Alison: Is there a solution you think is both effective and equitable? Are there schools or programs that are getting this right?
Elisa: Our students can't be what they can’t see. More than half of America’s public school students identify as people of color. But only 1 in 5 teachers do. Studies show students of color often perform better on standardized tests, have improved attendance, and are suspended less frequently when they have at least one same-race teacher. We need to build a pipeline of game-changing teachers—especially teachers of color and teachers from low-income backgrounds—with the necessary STEM and computer science skills to provide a rigorous and relevant education. By closing this talent gap, more schools will be able to offer the classes our kids want to take.

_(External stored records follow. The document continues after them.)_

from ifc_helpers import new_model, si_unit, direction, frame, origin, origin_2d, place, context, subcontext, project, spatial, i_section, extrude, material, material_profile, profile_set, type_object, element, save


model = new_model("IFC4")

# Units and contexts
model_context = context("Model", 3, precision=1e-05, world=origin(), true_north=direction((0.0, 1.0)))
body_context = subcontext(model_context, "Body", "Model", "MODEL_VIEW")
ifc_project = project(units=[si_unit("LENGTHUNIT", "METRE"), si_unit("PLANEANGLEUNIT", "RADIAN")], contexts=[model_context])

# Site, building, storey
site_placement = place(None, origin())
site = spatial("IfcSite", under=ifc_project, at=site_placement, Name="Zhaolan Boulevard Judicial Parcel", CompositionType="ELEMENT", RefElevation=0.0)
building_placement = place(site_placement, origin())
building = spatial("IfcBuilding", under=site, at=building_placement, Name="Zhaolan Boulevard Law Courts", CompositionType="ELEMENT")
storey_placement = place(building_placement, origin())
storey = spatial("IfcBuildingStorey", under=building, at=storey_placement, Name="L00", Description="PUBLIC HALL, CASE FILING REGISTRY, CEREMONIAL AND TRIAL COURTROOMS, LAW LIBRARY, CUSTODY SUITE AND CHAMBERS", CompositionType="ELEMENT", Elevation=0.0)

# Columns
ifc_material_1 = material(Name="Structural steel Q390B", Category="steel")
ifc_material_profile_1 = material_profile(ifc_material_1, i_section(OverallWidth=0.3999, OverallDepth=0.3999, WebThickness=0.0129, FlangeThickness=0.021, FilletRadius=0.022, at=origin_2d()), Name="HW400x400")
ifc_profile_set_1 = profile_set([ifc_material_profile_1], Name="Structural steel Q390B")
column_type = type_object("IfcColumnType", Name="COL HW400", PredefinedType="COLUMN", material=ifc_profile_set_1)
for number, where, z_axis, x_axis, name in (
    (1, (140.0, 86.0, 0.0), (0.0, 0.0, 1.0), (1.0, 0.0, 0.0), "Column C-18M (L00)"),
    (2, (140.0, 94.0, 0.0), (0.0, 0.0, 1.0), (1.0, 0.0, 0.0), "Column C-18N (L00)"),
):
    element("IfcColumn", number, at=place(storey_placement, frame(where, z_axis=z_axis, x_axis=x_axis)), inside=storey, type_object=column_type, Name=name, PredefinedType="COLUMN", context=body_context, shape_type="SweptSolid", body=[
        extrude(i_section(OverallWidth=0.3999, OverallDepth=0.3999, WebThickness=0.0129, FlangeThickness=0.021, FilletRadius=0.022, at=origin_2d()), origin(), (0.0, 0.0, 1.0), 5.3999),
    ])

Our goal at TFA is to design programs that reach the full spectrum of education leaders—from classroom teachers to state superintendents. For the past two summers, every TFA corps member has had the opportunity to receive instruction in computational thinking, regardless of the grade or subject matter they teach. In addition, through support from the Cognizant U.S. Foundation, we designed the Cognizant Computer Science School Leader Cohort to support principals, assistant principals, and other school leaders from our network to establish computer science education programs at their low-income schools. We also established the Cognizant AP Computer Science Principles (CSP) Fellowship that trains educators to teach AP computer science, and 73% of current fellows identify as people of color.
Other successful, innovative models already exist inside and outside our K-12 system. In Brooklyn, TFA alumni Reuben Ogbonna and Maya Bhattacharjee launched the Marcy Lab School to create an alternative pathway into high-growth tech careers for under-represented and underserved youth. Marcy Lab provides full-time software-engineering fellowships to recent graduates to gain skills needed to enter well-paying entry-level tech jobs. Fellows also receive ongoing coaching and mentorship to support their transition into these careers. Ideas like the Marcy School are already blazing trails for aspiring tech engineers from communities that are under-represented in the profession.
Alison: When observers think of TFA, they often think of your organization’s work in K-12 education. However, focusing on computer science education connects you more deeply with employers and workforce development efforts. How do education and workforce training align?
Elisa: Our children’s education is clearly related to their career prospects later in life, so we need to connect the two. If you’re not able to read, do math, or think critically, you’re not going to be a computer scientist or be prepared for any number of other jobs you might want to pursue.
The bottom line is that young people yearn for a relevant, engaging, and rigorous education. If we’re serious about the future, computer science must play a starring role in our K-12 classrooms. But it’s on all of us to play our part. Whether you’re an educator, school leader, employer, policymaker, parent, tech entrepreneur, or coder, we have a responsibility to come together and provide our kids with equitable pathways to meet their boundless potential. In the blink of an eye, our children will be grown up and seeking their first job—it’s past time that we prepare them for it.